In 1959, Khrushchev visited the U.S. and appeared before the U.N. General Assembly with a proposal for general and complete disarmament. He achieved his predicted propaganda success. Western leaders recognized it as a ploy, but no one spoke out openly against it.

Khrushchev's next venture was to bring him trouble on the domestic front. Claiming that "the clouds of war have begun to disperse," as a result of his "historic" visit to the U.S., he initiated a cutback of 1.2 million personnel in the armed forces, and he justified the decision by saying that modern defense capabilities were determined by nuclear firepower and the quality of delivery systems: "Military aviation and the navy have lost their former significance." The military leaders and the armaments industries could not let this pass unchallenged.

The decline in morale in the armed forces reached alarming proportions. In 1960, a navy captain described to us how officers had wept as they watched nearly completed cruisers and destroyers at the docks in Leningrad being cut up for scrap on Khrushchev's orders.
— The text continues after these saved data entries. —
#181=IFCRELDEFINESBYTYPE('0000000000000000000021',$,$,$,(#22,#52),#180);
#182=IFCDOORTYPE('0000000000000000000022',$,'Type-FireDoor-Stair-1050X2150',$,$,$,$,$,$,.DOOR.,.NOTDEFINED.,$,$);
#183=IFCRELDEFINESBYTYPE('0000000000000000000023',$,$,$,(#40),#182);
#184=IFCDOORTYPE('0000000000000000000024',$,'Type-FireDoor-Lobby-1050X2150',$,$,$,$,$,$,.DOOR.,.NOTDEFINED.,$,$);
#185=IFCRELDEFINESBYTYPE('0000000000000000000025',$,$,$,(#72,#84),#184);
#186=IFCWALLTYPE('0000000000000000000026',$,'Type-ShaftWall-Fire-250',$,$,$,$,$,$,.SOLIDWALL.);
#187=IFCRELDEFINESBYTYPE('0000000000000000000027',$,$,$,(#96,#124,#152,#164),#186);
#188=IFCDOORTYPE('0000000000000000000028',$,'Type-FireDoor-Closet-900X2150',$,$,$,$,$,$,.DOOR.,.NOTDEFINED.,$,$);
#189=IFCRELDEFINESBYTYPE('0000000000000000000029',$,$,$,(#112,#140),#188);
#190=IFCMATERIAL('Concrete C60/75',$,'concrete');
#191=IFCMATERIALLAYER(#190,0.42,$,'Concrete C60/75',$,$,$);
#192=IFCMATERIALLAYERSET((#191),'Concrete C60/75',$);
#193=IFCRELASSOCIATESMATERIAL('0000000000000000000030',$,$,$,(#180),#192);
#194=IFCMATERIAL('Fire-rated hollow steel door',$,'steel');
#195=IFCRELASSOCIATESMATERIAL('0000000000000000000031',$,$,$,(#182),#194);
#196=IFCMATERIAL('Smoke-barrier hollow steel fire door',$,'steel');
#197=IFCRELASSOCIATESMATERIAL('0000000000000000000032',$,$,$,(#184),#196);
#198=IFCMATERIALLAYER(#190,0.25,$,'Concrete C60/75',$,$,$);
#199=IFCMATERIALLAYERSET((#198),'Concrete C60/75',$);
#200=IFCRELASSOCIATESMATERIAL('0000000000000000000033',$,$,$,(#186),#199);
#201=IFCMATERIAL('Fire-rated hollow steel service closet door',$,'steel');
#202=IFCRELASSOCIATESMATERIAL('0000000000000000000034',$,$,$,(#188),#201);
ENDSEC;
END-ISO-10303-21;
More significant than the navy's chagrin, however, was the alarm felt by the Central Committee ideologists. By reducing the conventional forces, especially the navy, Khrushchev was undercutting the most efficient means of aiding pro- Moscow liberation movements and the Soviet Union's allies in the Third World. In the long run, these moves cost him dearly.

SETTING A TRAP

FOR EISENHOWER

In concentrating on his Western initiatives, Khrushchev made yet another mistake: turning his back on China. Friends in the Central Committee told me that when he met with Mao Tse-tung in Peking in 1959, the Chinese accused him of sacrificing revolutionary struggle for detente with "imperialists." This threatened to undermine Kremlin claims of leadership in revolutionary movements. The Soviets had to compete with the Chinese in leading the world revolution, and the result was a resuscitated militancy in Soviet foreign policy.
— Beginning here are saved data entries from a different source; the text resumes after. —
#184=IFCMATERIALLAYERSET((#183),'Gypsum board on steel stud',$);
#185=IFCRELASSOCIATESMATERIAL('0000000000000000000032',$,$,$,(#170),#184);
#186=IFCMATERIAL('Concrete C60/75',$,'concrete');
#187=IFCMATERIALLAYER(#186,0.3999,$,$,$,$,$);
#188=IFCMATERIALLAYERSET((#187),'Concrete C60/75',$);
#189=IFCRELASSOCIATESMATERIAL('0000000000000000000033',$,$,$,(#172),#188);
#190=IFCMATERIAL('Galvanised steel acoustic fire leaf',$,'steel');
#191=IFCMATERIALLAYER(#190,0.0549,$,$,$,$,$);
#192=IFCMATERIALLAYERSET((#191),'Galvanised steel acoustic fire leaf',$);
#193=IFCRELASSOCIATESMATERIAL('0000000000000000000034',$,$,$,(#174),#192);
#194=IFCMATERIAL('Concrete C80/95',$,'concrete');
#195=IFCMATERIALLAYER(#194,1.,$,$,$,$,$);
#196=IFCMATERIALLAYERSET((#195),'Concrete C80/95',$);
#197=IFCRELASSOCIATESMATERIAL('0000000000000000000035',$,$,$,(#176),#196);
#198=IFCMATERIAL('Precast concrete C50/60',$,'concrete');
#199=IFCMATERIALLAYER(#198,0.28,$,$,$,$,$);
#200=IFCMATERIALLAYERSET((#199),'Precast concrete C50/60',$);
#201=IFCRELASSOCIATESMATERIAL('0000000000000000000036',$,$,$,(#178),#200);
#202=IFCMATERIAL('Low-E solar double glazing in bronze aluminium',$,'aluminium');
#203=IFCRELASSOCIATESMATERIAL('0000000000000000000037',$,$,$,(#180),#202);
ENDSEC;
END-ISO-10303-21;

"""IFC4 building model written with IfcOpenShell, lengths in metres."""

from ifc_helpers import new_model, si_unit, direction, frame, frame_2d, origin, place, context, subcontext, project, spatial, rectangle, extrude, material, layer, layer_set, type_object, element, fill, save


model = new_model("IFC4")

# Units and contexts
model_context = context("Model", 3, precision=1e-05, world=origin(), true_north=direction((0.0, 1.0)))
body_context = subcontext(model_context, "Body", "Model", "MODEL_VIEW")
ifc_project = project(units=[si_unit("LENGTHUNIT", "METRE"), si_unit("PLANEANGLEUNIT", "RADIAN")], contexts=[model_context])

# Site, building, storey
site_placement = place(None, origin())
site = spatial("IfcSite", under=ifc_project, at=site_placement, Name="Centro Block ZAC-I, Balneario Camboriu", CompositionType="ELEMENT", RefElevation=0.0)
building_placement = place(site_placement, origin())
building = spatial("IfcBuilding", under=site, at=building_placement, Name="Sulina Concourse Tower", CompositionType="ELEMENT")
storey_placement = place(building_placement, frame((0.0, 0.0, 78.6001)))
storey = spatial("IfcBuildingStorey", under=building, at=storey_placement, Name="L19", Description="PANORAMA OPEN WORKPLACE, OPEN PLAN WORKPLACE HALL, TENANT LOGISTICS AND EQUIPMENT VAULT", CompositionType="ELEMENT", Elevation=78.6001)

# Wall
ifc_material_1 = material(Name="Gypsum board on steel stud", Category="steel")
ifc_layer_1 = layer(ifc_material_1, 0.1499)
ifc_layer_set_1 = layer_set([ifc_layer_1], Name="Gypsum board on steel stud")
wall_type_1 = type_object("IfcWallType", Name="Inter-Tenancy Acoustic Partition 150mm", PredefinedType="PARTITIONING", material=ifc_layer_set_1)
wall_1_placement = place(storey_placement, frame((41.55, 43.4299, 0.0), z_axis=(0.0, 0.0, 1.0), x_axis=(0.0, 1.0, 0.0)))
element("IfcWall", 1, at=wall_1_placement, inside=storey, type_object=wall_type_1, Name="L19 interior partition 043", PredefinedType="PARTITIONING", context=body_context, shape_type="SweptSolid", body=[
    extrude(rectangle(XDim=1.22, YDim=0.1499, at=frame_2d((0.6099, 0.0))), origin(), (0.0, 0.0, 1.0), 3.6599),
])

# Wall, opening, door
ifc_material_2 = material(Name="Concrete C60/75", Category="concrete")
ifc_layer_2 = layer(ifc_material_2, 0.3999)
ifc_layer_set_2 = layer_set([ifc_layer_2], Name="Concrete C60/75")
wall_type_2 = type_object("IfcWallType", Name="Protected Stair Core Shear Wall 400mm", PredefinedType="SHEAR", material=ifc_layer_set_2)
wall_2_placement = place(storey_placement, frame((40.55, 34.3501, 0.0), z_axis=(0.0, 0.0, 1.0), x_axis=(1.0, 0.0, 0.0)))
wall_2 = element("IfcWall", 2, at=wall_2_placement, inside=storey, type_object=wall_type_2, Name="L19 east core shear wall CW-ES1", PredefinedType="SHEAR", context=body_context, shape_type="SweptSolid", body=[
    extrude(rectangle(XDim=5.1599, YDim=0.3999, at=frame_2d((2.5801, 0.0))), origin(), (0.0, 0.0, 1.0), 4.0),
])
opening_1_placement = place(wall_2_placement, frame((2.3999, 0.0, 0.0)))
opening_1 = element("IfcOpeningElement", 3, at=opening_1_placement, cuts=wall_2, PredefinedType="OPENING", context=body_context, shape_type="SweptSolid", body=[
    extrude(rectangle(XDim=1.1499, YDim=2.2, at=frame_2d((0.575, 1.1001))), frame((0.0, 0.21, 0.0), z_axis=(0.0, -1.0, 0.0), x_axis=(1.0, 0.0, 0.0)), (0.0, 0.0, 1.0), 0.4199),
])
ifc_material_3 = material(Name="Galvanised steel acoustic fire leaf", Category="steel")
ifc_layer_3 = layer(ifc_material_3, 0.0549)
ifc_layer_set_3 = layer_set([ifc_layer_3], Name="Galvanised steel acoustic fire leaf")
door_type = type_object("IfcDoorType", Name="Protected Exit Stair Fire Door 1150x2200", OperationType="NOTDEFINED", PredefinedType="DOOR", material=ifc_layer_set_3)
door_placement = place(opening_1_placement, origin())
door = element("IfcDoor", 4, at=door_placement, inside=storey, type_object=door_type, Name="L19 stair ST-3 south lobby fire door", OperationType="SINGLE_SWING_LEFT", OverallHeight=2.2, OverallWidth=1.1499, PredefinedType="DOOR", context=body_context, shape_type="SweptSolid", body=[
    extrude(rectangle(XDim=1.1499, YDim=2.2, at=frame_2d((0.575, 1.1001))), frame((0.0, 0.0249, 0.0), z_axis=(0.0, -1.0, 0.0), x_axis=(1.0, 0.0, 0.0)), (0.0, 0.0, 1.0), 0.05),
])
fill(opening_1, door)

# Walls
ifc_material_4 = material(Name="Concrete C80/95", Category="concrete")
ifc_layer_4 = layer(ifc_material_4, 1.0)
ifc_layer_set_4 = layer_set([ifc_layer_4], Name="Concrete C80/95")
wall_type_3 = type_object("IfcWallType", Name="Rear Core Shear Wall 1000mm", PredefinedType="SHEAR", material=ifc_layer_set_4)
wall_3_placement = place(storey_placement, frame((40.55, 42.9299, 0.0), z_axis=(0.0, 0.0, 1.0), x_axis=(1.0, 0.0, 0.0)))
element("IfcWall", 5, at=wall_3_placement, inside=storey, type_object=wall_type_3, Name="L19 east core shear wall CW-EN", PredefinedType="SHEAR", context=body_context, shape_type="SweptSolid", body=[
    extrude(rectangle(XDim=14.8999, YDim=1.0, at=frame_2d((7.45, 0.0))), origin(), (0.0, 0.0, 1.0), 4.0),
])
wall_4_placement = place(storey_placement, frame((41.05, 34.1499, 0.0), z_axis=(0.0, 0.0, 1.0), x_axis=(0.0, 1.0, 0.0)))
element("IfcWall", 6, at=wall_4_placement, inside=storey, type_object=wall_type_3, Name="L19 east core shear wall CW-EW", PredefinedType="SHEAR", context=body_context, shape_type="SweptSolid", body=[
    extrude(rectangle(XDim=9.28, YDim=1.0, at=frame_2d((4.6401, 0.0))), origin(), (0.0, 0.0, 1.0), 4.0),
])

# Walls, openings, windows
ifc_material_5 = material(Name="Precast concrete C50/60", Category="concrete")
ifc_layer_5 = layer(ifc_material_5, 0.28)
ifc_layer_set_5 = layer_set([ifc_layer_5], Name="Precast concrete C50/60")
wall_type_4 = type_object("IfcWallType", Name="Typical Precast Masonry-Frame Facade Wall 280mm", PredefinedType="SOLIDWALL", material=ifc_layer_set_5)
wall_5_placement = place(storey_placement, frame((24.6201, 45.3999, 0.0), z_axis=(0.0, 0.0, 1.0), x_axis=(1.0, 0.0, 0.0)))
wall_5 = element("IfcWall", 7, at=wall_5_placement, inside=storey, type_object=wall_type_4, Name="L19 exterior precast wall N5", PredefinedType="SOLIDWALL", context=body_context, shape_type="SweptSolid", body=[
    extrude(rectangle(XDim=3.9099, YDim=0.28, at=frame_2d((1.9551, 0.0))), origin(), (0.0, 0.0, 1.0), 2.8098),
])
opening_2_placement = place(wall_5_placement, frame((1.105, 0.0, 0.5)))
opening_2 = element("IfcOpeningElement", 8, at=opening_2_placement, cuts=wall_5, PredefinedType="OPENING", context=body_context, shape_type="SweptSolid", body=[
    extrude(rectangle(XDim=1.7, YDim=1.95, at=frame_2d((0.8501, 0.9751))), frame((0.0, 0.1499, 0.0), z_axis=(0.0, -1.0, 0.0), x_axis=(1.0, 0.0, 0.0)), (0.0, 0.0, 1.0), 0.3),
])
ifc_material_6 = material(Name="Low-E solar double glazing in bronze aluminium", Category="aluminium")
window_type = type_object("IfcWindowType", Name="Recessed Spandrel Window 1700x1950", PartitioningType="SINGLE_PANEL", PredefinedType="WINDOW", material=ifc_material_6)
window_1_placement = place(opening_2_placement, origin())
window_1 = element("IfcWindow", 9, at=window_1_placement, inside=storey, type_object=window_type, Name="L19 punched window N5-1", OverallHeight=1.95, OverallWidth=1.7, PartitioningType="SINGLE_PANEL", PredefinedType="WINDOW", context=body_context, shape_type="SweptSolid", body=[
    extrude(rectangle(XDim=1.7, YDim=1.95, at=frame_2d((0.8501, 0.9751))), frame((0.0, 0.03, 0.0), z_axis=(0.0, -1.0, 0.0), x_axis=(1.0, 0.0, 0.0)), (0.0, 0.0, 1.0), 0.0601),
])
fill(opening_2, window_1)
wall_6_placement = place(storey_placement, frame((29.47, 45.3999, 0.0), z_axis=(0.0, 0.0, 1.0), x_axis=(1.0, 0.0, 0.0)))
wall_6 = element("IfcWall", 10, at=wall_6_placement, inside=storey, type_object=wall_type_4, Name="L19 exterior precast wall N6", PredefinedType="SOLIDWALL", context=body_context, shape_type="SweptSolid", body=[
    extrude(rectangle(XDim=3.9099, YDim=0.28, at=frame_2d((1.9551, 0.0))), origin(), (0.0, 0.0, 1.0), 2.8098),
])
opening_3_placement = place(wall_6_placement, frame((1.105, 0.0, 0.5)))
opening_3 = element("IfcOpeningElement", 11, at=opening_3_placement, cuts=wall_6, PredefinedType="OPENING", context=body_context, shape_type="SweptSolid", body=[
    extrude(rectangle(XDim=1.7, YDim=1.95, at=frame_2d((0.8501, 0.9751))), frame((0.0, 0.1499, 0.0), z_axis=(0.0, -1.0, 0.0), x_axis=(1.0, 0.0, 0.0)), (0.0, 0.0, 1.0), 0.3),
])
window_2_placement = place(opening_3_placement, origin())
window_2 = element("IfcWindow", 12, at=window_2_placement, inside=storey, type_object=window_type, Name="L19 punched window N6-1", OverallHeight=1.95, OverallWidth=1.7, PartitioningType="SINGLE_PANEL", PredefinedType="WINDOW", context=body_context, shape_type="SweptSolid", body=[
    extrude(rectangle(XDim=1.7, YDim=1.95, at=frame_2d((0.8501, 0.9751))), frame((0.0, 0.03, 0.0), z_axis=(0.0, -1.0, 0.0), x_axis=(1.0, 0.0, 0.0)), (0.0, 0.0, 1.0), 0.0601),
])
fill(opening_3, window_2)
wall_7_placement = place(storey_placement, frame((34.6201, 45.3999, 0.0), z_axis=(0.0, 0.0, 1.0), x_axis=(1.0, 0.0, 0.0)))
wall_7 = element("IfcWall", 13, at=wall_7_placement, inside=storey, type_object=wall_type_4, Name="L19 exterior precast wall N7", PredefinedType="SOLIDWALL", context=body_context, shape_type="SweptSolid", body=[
One manifestation of this reversal was the U-2 incident of 1960. American reconnaissance aircraft had been making overflights of Soviet territory for some years, and the Soviet leadership was well aware of them. Gromyko advised Khrushchev not to shoot down the planes so as to avoid excessive deterioration in Soviet-American relations. In Gromyko's judgment, a strong protest and warning could forestall further overflights. Khrushchev dismissed Gromyko's counsel, and when Soviet antiaircraft defenses shot down a U-2 and * captured the pilot, Francis Gary Powers, Khrushchev decided to set a trap to disgrace Dwight Eisenhower publicly. Powers was alive in Soviet hands, but Khrushchev, concealing this, tricked Eisenhower, luring him into denials concerning the overflights.